Dans ces conditions, les pays à la frontière technologique ne pourraient pas suivre le rythme d'expansion de la demande alimentaire et les coûts marginaux de leur production s'alourdiraient. Cette dernière situation confère aux prix agricoles à venir un rôle déterminant pour la contribution à l'équilibre alimentaire que pourraient apporter ces pays en même temps qu'elle peut impacter les prix alimentaires dans le futur si d'autres producteurs n'interviennent pas sur les marchés.

En bref, dans l'hypothèse où le potentiel des pays à la frontière technologique ne pourrait pas être aisément élevé - qui semble une observation assez consensuelle -, il faudrait compter sur le comblement du retard des pays éloignés de leur potentiel. Cette considération plaide puissamment pour la mise en oeuvre de tous les moyens nécessaires au rattrapage agricole des pays en retard de développement. Elle trouve son pendant dans les appels à accroître l'investissement dans le secteur agricole, de ces pays notamment, celui-ci étant entendu dans un sens assez large puisqu'il comprend les investissements dans l'exploitation mais aussi dans son environnement.

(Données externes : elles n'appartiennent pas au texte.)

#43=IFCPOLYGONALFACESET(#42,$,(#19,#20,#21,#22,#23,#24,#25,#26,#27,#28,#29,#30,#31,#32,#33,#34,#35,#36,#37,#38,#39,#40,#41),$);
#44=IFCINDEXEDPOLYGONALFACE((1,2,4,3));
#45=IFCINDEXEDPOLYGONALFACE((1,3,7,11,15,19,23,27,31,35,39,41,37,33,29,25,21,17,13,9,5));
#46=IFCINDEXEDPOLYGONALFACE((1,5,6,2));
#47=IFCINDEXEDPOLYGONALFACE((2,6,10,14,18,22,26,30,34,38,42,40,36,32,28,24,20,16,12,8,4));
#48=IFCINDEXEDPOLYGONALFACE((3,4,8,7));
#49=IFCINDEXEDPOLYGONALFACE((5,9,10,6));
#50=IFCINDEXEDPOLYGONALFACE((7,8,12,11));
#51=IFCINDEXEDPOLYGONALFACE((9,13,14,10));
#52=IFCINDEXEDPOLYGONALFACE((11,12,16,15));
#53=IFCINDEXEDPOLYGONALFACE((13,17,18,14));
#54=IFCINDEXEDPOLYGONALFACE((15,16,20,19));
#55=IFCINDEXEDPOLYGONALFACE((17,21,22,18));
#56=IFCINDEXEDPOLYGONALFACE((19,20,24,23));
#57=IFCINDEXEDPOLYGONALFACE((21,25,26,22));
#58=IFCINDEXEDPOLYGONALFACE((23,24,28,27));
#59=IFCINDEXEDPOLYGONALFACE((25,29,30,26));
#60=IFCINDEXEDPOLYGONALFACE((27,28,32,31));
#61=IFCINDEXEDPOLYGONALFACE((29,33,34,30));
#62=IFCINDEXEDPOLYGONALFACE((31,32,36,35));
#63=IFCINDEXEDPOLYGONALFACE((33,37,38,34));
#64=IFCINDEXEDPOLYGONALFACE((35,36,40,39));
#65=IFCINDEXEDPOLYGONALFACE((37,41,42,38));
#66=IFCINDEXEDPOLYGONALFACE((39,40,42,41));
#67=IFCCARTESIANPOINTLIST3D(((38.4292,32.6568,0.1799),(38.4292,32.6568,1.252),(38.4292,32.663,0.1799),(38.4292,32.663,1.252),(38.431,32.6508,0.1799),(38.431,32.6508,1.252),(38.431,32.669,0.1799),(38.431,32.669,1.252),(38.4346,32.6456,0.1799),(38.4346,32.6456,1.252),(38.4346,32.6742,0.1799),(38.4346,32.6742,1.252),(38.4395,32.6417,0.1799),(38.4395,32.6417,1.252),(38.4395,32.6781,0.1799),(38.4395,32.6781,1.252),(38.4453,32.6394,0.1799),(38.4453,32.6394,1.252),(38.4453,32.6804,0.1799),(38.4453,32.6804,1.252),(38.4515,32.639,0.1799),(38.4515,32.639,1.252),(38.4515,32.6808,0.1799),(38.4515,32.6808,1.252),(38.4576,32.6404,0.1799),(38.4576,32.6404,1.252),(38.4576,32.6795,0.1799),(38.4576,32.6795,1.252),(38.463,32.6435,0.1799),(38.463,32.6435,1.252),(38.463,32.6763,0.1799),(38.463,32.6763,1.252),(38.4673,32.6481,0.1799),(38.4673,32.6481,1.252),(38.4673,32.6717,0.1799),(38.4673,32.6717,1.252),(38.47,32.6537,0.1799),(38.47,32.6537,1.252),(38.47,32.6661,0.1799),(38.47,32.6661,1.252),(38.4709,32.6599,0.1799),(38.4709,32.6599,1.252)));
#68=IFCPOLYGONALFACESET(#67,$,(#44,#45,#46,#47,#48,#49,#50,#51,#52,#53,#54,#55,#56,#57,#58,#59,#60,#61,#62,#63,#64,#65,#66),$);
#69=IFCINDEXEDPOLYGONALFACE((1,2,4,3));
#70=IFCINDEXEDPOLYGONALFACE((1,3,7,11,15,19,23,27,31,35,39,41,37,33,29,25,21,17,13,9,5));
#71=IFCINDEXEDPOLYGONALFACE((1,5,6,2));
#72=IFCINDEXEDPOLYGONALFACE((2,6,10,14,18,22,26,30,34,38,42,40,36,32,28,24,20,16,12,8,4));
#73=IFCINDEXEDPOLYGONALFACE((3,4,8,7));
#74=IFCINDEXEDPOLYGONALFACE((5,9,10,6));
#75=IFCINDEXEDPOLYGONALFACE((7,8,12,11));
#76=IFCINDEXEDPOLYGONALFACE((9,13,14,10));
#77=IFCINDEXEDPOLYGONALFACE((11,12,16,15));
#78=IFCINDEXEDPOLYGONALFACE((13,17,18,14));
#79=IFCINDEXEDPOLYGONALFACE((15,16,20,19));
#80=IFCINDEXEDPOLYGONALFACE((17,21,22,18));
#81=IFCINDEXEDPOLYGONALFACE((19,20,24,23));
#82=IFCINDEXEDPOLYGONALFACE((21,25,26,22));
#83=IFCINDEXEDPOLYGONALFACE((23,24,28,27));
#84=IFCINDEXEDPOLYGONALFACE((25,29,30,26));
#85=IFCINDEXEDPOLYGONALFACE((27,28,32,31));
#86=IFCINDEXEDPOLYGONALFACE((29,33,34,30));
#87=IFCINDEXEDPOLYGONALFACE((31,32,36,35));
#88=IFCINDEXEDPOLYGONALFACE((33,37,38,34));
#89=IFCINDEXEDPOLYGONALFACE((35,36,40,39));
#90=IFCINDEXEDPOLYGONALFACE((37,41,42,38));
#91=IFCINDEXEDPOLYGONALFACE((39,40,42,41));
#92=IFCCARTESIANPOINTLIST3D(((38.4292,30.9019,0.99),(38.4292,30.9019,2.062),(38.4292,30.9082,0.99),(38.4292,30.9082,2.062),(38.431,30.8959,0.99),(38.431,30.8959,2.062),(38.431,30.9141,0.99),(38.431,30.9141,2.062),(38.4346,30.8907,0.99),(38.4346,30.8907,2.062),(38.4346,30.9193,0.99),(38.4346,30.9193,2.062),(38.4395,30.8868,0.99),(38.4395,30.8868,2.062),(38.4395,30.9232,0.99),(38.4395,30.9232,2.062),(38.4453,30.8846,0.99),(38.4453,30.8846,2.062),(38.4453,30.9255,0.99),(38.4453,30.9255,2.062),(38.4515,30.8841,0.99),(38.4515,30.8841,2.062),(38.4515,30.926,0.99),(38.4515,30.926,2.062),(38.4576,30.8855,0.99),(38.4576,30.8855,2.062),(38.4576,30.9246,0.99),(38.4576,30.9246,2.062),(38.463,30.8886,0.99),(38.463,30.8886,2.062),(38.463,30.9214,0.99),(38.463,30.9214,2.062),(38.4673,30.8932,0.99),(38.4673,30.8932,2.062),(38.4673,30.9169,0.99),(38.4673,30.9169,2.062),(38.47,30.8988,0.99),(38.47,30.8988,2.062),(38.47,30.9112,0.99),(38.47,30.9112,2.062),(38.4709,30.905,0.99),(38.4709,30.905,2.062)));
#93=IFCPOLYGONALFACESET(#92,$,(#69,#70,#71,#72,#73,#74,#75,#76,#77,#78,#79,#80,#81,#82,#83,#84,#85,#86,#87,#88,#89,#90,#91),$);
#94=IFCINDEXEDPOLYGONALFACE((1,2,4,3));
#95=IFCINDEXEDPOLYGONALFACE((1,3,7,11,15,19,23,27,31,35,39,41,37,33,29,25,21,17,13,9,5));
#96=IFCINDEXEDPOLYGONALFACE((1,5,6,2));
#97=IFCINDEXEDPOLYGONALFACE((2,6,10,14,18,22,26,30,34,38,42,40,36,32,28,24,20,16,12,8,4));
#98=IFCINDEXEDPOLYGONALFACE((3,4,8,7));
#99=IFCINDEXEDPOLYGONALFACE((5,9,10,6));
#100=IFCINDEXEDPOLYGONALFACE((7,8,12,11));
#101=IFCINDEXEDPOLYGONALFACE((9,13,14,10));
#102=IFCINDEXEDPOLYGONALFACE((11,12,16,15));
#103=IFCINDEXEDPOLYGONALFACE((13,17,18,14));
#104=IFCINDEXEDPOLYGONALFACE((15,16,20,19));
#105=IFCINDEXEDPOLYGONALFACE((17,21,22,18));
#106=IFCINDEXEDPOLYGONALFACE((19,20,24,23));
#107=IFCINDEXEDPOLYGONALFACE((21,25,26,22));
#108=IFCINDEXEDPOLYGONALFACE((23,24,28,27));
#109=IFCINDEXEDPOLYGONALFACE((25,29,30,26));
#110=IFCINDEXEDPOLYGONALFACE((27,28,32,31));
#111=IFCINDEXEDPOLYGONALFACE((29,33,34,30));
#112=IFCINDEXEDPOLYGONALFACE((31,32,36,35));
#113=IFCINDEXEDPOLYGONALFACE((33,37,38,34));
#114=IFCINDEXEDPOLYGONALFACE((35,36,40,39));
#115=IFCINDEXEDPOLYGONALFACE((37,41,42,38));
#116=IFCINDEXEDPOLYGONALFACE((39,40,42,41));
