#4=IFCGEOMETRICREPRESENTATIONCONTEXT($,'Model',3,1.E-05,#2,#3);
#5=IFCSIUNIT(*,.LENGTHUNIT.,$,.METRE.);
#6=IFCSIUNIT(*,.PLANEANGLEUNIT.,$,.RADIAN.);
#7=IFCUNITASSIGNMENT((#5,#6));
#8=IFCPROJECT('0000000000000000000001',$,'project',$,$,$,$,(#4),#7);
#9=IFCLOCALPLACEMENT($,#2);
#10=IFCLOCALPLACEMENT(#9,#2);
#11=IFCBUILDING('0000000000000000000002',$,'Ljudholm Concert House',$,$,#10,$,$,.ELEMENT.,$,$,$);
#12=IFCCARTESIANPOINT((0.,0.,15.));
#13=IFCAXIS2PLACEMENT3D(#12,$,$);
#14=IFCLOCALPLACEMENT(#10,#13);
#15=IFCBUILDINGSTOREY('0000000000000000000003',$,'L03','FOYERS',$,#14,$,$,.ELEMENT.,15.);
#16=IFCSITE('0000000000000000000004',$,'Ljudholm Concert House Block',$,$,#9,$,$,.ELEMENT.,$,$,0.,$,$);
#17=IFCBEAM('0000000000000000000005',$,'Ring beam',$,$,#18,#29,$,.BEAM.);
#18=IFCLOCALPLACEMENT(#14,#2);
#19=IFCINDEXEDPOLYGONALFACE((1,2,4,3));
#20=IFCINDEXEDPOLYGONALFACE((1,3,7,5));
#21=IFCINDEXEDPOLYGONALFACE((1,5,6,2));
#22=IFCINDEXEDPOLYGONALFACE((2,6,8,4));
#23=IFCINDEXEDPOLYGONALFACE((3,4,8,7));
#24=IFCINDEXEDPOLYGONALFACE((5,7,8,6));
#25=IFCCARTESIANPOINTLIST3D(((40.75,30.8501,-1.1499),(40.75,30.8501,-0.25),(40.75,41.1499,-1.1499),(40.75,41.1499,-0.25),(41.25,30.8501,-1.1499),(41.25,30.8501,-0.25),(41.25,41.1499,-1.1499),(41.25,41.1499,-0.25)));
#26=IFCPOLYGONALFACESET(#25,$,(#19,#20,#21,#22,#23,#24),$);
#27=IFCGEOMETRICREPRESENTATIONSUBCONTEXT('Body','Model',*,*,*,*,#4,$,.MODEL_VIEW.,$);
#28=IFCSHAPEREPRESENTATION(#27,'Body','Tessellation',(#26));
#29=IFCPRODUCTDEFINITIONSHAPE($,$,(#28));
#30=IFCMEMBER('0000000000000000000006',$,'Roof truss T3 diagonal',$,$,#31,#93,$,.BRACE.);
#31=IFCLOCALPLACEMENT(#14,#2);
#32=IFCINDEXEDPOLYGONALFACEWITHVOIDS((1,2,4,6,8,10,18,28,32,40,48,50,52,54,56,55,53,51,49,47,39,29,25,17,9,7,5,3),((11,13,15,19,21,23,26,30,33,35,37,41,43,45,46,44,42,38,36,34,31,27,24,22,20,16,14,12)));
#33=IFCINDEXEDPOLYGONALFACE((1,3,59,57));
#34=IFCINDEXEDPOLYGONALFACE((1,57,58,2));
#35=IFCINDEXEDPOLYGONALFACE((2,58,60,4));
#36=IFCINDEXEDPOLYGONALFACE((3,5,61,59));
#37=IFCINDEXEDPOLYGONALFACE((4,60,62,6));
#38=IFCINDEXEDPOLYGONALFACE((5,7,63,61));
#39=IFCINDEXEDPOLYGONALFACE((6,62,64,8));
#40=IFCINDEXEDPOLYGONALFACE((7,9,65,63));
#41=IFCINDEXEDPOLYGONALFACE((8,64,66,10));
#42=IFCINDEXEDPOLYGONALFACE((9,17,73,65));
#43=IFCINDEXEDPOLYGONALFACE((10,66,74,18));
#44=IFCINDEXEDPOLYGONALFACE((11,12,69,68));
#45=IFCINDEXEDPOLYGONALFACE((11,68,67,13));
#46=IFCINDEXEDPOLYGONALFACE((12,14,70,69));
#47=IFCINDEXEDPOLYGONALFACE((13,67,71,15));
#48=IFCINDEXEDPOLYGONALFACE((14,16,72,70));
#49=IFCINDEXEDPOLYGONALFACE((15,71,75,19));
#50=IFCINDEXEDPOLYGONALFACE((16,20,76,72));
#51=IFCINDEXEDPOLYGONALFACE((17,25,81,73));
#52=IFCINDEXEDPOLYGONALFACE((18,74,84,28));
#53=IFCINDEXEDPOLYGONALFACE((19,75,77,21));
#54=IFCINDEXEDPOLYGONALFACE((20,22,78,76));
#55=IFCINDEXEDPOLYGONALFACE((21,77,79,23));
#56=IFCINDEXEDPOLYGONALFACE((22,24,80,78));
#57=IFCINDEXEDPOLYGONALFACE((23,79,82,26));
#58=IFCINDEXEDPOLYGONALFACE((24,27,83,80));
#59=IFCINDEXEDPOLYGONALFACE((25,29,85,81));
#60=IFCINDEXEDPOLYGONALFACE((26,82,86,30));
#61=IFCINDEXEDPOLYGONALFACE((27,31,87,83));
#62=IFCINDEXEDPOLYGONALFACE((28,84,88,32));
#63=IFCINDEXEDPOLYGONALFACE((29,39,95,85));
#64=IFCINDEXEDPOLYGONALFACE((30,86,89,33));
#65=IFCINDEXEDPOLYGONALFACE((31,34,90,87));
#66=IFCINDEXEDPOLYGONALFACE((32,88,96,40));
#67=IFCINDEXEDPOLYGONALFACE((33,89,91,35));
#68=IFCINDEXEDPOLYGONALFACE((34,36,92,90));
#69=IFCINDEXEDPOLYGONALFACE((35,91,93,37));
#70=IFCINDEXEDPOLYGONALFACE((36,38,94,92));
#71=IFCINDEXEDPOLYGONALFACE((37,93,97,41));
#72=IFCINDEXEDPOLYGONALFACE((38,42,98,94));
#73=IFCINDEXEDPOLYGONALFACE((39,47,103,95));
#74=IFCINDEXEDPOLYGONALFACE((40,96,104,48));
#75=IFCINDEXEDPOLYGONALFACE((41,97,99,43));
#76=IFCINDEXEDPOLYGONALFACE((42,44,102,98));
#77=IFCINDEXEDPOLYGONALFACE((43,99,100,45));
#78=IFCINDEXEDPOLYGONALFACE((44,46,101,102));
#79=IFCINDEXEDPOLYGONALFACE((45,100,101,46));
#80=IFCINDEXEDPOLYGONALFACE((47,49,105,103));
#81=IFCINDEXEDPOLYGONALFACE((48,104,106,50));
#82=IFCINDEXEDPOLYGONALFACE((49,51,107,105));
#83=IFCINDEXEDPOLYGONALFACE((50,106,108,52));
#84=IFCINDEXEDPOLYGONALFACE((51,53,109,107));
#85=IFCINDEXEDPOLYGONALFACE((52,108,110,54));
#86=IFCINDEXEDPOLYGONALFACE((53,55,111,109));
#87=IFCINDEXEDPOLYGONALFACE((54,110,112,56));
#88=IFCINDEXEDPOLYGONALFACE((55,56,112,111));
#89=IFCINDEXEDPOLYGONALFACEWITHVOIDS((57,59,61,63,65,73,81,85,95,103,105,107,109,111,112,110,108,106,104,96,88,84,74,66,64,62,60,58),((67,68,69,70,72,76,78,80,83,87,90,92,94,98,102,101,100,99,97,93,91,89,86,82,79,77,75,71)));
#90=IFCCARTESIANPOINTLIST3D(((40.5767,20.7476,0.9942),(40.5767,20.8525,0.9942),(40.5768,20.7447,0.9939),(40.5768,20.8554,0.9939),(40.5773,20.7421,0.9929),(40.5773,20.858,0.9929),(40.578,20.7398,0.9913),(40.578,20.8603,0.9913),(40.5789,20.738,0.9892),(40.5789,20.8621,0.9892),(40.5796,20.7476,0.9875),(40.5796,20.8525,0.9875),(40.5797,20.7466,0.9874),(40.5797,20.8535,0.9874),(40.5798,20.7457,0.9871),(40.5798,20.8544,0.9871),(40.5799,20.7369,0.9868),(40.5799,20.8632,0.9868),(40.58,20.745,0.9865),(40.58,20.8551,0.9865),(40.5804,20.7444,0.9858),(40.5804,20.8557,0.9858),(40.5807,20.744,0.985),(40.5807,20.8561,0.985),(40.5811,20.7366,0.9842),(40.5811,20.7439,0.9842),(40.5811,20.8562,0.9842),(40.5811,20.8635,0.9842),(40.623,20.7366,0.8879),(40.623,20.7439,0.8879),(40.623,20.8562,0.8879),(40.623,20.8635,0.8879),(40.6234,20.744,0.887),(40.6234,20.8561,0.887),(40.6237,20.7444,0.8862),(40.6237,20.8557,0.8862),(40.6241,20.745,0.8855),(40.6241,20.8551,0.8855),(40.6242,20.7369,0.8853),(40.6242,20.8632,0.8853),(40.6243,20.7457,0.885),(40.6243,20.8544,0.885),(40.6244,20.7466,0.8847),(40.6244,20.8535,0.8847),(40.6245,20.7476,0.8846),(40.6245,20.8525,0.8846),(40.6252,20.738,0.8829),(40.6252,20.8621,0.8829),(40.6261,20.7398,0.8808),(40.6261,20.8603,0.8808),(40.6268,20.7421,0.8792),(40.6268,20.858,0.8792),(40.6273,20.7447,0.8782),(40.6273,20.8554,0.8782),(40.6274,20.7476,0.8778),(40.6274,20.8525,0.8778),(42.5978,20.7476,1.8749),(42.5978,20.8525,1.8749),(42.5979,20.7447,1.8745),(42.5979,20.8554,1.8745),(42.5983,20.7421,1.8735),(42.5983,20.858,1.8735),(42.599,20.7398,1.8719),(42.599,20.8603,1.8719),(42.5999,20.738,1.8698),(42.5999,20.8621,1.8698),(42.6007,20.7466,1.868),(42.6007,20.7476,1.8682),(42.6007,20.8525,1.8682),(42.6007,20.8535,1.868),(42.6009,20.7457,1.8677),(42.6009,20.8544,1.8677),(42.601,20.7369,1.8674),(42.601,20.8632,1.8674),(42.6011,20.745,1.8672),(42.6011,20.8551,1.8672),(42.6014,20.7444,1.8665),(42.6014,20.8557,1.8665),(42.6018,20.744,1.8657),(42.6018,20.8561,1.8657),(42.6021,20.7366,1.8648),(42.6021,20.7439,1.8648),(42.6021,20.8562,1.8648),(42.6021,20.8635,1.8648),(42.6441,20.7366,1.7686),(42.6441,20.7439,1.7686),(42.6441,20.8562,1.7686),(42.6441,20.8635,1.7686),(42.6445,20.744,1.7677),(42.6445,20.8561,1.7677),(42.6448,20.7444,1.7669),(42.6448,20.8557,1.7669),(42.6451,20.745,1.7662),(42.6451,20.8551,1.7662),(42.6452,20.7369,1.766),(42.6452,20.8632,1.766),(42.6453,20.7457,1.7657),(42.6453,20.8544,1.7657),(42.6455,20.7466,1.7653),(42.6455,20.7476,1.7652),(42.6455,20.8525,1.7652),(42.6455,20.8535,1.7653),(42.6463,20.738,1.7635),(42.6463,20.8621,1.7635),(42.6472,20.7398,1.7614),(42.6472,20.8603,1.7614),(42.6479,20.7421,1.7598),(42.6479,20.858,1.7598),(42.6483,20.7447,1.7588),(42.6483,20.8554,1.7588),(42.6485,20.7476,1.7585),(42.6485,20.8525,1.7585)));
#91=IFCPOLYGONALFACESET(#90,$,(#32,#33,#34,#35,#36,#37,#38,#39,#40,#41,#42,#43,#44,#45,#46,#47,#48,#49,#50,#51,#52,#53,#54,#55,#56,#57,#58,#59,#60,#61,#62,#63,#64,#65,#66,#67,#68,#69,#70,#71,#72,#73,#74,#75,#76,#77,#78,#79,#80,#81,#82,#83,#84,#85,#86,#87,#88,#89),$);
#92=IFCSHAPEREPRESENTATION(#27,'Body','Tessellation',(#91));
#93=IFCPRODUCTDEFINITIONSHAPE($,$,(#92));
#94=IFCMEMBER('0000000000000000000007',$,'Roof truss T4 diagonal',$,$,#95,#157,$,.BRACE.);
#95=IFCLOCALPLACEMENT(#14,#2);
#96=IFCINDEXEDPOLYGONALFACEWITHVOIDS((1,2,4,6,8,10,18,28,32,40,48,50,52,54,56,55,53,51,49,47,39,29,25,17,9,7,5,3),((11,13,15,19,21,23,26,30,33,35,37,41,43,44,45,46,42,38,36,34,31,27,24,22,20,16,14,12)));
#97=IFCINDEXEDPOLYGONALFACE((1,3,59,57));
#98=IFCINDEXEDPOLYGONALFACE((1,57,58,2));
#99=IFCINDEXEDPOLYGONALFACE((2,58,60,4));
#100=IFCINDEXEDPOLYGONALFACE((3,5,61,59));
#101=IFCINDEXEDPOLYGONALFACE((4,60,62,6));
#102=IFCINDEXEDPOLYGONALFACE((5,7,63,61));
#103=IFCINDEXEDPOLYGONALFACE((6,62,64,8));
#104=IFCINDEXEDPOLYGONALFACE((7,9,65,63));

Mais alors l'attention doit se porter sur les conditions de cet investissement.

Avant de les envisager, il convient de peser les termes d'un débat omniprésent : celui portant sur l'arbitrage entre l'extension des terres et les rendements.

I. LA QUERELLE DE LA COMBINAISON PRODUCTIVE : Y-A-T-IL UNE ALTERNATIVE ENTRE TERRES OU RENDEMENTS ?

A. UNE QUESTION THÉORIQUE PLUS COMPLEXE QU'ON NE LE PRÉSENTE SOUVENT...

À quel type d'investissement agricole doit-on procéder ?

La question est souvent vue à travers l'alternative entre l'intensification de la production par hectare (l'élévation des rendements) et des orientations où l'on procéderait plutôt par la mobilisation des terres et qui correspondent à l'extensification de la production agricole.

Ainsi, deux modèles de développement agricole s'opposent :

- l'un où la productivité par hectare serait le moyen prioritaire du développement ;

- l'autre où la mobilisation de nouvelles terres, l'extension des sols cultivés, constituerait la réponse au défi de l'augmentation de la production agricole.

Cette opposition semble procéder essentiellement de considérations écologiques et agronomiques et est présentée comme ayant une portée normative ou, du moins, constituant un cadre d'action.

Les partisans de la première solution revendiquent la préservation des terres et sa contribution environnementale : lutte contre l'effet de serre, maintien de la biodiversité... L'emblème de cette position pourrait être la forêt amazonienne.

L'extensification des terres, de son côté, se recommande de l'évitement des nuisances liées aux process de l'agriculture « productiviste », et son horizon est celui de l'intégrité des milieux (sols, ressources en eau...).

Ces questions sont évidemment importantes et doivent être pleinement prises en compte. Pourtant, il est certain qu'une approche pertinente du sujet oblige à dépasser les propos globalisants pour se tenir au plus près de réalités qui sont diverses et nuancées.

Le bilan des coûts environnementaux de chaque modèle devrait être clarifié ce qui peut supposer souvent de le resituer dans des contextes très locaux. Il va de soi que dans la plupart des pays les moyens de cette clarification manquent en fait si bien qu'à ce stade la « querelle » est essentiellement théorique.


* 30 En exceptant l'extensification des surfaces cultivées.